Bad guys are poised to plunder online holiday shoppers.
On Black Friday, Cyber Monday and throughout the 2012 holiday shopping blitz, cybergangs are expected to unleash a variety of old and new Internet-based scams to steal identities and hijack online accounts.
"This is prime time for cybercriminals," says Brendan Ziolo, vice president at security firm Kindsight.
Crooks' incentive: Some 41 percent of consumers plan to use their PCs, tablets and smartphones to shop online, up from 37 percent last year, according to PriceGrabber.
That means millions of people will be using computers at home and work to shop for gifts. What's more, roughly half of them use Web browsers lacking the latest security patches, making them prime targets for computer infections that saturate the Web.
"Users of all major browsers are using outdated software containing known vulnerabilities," says Wolfgang Kandek, chief technical officer at patch management firm Qualys.

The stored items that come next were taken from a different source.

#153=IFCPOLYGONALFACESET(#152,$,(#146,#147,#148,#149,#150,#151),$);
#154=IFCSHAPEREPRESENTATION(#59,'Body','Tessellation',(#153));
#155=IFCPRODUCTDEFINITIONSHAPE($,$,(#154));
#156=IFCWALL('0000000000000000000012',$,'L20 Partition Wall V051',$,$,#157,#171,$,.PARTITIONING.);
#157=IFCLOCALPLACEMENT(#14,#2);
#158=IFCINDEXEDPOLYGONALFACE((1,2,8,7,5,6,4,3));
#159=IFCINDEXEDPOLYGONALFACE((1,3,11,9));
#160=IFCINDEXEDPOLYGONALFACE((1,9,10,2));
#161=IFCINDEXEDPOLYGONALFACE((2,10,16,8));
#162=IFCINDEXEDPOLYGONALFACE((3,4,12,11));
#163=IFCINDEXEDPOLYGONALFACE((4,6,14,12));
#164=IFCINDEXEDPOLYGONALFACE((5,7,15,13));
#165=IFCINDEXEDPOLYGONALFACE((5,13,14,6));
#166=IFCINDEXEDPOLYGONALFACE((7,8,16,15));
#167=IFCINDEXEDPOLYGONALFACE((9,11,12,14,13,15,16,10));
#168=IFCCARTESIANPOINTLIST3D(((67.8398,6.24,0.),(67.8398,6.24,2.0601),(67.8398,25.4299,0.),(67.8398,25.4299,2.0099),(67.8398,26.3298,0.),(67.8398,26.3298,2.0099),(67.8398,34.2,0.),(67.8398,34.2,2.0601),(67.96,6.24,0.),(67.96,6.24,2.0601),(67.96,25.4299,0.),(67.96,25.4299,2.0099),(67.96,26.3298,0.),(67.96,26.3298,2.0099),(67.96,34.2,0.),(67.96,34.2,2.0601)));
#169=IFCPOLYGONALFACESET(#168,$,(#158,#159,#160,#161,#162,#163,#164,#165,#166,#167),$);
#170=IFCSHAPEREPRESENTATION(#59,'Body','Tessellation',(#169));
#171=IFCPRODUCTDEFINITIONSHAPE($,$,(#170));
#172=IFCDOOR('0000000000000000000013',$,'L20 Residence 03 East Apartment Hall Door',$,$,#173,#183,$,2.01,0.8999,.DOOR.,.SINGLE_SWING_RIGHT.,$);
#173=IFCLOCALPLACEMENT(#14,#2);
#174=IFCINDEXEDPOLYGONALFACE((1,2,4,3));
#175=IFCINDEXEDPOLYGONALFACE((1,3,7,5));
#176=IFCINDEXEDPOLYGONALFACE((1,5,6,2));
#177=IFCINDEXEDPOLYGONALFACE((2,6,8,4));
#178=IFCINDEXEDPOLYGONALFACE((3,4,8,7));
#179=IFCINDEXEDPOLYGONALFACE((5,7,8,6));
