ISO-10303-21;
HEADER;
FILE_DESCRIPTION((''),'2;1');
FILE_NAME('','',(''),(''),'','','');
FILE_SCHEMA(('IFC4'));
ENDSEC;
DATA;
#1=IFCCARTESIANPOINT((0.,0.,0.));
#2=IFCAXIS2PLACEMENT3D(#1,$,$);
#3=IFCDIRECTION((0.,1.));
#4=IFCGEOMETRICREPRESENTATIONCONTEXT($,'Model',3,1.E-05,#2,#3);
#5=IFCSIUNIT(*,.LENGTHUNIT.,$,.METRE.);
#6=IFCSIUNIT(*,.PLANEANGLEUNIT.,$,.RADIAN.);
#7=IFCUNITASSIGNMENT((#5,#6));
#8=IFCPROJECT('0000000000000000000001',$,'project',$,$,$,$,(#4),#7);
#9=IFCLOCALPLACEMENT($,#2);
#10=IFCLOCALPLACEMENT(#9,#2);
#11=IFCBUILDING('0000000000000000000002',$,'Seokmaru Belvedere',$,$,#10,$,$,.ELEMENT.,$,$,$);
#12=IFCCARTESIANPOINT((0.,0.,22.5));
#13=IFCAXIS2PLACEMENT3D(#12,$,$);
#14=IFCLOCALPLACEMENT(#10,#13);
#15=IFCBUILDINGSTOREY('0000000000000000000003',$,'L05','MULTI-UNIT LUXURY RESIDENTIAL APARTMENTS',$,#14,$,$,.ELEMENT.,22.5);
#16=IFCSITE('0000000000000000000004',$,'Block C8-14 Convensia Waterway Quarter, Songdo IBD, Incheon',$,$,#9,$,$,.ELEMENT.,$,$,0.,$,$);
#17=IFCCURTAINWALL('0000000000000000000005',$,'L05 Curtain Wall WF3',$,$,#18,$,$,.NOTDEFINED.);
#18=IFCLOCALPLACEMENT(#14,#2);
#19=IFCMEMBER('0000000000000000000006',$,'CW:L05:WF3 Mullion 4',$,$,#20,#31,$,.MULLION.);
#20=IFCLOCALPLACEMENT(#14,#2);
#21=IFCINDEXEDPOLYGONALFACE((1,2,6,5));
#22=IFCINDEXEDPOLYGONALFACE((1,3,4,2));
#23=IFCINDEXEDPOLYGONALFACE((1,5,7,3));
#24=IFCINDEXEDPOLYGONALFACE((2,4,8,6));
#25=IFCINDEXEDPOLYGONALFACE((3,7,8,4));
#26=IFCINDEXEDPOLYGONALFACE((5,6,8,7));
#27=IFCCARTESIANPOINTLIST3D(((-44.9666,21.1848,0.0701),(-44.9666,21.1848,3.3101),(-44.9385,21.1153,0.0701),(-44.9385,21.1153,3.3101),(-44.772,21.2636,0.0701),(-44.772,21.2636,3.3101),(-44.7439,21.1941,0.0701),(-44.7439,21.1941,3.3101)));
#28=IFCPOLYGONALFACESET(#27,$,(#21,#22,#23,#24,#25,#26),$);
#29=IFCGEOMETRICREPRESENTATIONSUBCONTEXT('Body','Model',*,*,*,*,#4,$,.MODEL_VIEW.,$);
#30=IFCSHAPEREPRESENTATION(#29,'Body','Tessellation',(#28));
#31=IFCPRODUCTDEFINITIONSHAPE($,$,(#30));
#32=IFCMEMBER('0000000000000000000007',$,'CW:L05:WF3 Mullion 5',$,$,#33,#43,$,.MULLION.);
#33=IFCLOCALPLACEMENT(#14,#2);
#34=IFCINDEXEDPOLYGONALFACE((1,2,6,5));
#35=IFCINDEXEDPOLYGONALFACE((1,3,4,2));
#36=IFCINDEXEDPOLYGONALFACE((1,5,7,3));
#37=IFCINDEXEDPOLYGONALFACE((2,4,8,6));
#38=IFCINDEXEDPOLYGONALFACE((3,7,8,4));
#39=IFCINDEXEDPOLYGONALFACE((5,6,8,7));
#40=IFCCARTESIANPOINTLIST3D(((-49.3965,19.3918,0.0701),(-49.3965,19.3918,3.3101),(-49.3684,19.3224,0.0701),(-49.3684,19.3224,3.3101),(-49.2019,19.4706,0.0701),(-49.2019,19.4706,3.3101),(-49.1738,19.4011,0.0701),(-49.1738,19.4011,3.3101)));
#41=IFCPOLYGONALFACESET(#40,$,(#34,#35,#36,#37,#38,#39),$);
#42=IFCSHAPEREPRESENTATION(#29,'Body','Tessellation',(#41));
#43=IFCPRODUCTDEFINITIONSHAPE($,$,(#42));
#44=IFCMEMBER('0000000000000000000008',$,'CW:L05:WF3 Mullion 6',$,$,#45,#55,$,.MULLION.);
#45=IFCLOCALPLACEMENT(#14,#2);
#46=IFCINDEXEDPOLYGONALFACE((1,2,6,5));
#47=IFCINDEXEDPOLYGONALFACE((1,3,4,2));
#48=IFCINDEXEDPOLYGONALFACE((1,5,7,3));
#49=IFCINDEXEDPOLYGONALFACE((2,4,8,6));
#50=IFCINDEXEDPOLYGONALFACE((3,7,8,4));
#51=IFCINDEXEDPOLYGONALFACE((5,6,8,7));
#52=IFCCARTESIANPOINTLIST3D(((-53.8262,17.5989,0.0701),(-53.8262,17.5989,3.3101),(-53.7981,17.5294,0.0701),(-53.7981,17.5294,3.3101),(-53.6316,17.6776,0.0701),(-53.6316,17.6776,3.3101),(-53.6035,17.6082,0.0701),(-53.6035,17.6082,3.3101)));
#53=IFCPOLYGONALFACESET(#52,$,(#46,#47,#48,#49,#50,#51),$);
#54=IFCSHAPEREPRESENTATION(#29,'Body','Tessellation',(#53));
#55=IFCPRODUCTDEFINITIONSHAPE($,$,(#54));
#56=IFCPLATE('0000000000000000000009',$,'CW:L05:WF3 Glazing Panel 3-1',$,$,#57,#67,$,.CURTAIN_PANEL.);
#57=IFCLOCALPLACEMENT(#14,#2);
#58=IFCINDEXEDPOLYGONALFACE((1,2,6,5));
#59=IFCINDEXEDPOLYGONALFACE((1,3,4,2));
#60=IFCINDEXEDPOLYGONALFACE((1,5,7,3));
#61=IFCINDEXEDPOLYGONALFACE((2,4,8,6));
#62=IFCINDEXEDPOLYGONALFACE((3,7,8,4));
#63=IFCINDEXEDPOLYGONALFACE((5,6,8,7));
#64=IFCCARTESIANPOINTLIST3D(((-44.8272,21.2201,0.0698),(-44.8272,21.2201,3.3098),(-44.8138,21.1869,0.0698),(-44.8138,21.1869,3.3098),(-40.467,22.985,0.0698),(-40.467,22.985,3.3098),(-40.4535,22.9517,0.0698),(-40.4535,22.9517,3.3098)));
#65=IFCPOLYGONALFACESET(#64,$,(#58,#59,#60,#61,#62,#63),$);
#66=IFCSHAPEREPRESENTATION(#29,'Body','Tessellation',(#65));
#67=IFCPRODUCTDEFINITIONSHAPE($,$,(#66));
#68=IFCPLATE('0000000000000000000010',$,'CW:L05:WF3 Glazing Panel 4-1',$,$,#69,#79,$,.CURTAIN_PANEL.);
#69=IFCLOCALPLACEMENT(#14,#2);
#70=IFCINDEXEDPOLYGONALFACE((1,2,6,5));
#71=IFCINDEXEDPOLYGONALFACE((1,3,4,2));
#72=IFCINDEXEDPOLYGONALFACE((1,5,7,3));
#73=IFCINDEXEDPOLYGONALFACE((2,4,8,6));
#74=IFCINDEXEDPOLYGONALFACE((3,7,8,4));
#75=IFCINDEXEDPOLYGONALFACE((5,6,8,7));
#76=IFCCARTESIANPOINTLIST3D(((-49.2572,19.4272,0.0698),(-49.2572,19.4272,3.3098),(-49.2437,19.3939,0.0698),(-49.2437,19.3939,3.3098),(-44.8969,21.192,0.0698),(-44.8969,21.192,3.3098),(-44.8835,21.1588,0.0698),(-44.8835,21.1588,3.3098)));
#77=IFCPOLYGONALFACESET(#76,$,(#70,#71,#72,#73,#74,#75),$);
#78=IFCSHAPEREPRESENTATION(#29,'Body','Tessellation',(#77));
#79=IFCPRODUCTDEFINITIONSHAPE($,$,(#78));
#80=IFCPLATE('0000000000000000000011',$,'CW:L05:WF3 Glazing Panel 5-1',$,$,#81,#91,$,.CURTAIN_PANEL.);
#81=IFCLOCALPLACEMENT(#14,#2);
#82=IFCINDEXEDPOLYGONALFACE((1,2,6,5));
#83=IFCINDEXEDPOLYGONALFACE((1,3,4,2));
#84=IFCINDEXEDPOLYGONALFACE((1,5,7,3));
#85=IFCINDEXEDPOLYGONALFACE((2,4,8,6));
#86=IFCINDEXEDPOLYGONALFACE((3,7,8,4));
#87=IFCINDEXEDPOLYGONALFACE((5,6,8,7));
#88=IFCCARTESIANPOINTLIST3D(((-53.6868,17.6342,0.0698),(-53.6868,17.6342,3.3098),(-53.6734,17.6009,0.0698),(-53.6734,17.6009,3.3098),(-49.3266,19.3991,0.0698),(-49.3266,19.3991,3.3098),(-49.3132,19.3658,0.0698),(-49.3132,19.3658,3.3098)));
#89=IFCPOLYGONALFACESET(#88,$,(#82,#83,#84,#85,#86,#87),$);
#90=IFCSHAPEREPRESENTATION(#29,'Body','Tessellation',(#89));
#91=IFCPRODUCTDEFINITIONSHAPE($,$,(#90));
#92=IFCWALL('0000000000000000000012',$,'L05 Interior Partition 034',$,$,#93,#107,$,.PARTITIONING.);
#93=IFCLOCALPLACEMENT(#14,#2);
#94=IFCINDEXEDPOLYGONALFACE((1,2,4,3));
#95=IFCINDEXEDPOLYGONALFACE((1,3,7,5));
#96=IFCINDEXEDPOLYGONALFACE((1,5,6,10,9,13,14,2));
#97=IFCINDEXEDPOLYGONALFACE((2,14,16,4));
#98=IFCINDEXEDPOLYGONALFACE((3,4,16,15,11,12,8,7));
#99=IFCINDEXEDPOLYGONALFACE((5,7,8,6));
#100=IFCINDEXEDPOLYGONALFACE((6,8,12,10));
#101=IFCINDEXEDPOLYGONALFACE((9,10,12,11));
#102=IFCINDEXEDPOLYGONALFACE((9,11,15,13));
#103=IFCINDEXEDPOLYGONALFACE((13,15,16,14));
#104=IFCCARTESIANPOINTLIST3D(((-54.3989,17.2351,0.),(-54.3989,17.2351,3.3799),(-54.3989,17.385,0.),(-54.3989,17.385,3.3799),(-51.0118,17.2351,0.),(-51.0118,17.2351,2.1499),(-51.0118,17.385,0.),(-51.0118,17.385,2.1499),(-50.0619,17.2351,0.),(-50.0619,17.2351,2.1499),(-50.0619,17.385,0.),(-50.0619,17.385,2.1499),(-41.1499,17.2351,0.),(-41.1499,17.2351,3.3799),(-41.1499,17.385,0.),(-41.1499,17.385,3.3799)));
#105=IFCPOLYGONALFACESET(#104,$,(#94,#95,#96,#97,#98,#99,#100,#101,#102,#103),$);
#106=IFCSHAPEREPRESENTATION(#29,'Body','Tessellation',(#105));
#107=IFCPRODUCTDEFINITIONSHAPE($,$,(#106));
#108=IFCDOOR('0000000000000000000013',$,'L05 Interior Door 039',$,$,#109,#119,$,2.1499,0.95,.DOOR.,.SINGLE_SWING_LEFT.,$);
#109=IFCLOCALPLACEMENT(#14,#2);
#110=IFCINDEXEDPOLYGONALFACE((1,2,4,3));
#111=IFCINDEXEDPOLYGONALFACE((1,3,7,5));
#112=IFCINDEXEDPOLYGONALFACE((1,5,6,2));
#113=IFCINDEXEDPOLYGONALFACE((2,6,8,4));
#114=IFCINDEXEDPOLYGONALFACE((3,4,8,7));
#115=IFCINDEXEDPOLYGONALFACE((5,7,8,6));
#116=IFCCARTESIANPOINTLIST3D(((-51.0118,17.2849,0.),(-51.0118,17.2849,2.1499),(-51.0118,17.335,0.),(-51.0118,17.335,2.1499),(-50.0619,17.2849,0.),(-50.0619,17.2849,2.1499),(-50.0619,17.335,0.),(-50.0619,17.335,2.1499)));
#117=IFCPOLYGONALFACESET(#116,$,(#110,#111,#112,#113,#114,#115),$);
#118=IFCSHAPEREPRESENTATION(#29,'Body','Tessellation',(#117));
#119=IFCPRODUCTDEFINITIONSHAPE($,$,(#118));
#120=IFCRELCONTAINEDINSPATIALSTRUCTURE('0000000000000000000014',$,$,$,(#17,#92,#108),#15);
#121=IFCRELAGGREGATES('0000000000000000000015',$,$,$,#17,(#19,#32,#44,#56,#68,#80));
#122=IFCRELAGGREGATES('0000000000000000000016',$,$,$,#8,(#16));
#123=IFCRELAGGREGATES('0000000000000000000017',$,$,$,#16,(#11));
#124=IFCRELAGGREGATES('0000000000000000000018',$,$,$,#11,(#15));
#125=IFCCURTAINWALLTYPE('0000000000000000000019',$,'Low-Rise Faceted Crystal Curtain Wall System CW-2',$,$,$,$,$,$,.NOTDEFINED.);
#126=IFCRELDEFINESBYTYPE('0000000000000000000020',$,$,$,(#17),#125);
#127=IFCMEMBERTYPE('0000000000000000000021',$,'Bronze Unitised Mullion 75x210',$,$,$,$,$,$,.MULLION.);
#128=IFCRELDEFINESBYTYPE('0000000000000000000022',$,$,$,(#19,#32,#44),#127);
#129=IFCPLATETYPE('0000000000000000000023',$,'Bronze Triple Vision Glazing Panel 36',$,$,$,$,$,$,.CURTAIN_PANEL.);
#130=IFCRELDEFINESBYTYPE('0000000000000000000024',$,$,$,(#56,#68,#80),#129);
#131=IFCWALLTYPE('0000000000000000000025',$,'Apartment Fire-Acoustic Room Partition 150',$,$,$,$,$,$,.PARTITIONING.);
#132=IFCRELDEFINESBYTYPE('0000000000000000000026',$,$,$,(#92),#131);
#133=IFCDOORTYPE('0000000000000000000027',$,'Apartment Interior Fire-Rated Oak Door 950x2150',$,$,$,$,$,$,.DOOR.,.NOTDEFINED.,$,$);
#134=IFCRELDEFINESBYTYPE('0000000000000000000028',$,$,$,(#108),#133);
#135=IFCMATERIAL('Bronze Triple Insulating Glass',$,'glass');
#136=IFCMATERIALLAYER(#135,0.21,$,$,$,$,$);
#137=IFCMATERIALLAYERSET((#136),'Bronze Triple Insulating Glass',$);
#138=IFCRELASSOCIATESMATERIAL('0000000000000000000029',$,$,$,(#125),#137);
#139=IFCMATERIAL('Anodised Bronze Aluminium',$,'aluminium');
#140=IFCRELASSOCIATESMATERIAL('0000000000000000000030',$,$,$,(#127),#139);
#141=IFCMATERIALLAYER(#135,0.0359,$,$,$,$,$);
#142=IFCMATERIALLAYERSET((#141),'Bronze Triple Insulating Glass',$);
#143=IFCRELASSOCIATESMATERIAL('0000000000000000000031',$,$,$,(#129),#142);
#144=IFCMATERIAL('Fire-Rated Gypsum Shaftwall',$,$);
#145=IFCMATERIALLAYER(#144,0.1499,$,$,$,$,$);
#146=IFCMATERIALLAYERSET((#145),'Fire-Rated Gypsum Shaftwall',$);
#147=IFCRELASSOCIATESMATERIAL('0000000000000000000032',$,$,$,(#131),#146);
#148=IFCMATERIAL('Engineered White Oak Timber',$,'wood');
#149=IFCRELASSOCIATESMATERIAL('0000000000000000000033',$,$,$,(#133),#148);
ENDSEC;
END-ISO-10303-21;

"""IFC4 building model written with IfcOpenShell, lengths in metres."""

from ifc_helpers import new_model, si_unit, direction, frame, frame_2d, origin, origin_2d, place, context, subcontext, project, spatial, rectangle, extrude, source, transform, mapped, material, layer, layer_set, material_profile, profile_set, type_object, type_shapes, element, fill, aggregate, save


model = new_model("IFC4")

# Units and contexts
model_context = context("Model", 3, precision=1e-05, world=origin(), true_north=direction((0.0, 1.0)))
body_context = subcontext(model_context, "Body", "Model", "MODEL_VIEW")
ifc_project = project(units=[si_unit("LENGTHUNIT", "METRE"), si_unit("PLANEANGLEUNIT", "RADIAN")], contexts=[model_context])

# Site, building, storey
site_placement = place(None, origin())
site = spatial("IfcSite", under=ifc_project, at=site_placement, Name="Block C8-14 Convensia Waterway Quarter, Songdo IBD, Incheon", CompositionType="ELEMENT", RefElevation=0.0)
building_placement = place(site_placement, origin())
building = spatial("IfcBuilding", under=site, at=building_placement, Name="Seokmaru Belvedere", CompositionType="ELEMENT")
storey_placement = place(building_placement, frame((0.0, 0.0, 22.5)))
storey = spatial("IfcBuildingStorey", under=building, at=storey_placement, Name="L05", Description="MULTI-UNIT LUXURY RESIDENTIAL APARTMENTS", CompositionType="ELEMENT", Elevation=22.5)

Qualys recently analyzed more than 1 million Internet-connected Microsoft Windows PCs and Macs. It found 56 percent of users of Microsoft's Internet Explorer surfed the Internet using an older version of the popular Web browser carrying widely known security flaws. Hackers are expert at tapping into such flaws to seed infections.
Some 49.2 percent of users of Mozilla's Firefox, 47.5 percent of Google's Chrome and 37.4 percent of Apple's Safari also used browser versions lacking the latest security updates. Using an outdated browser — and clicking on a Web page booby-trapped with a hidden virus — can turn control of your computer over to an intruder.
Last month, antivirus firm Avast identified more than 52,000 American Web domains containing at least one infected Web page; that was up from 50,000 infected domains in September and 46,000 in August. "Sometimes it could be several infected pages on each domain," says Avast researcher Milos Korenko. "Not only porn sites and other dodgy sites, many were perfectly legitimate websites."
Professional cybergangs in Russia and Eastern Europe are steering victims to these booby-trapped Web pages via:
- Social networking. Free Web mail services, Facebook, Twitter and Pinterest are littered with lures to click on tainted Web links. These come disguised as bogus coupons, gift cards, package-delivery notices and charity solicitations. "Social-media scams are spreading like wildfire," says Catalin Cosoi, chief researcher at antivirus firm Bitdefender.
Cybercriminals take full advantage of the lax attitude toward privacy fostered by social networks, says Mark Patton, manager of the security business unit at GFI Software. This time of year, tainted Web links proliferate on Facebook wall postings, get embedded in Tweets and show up associated with YouTube videos.
"You could easily foresee a scenario where a holiday-decorating tutorial on YouTube could play host to nasty embedded links," Patton says.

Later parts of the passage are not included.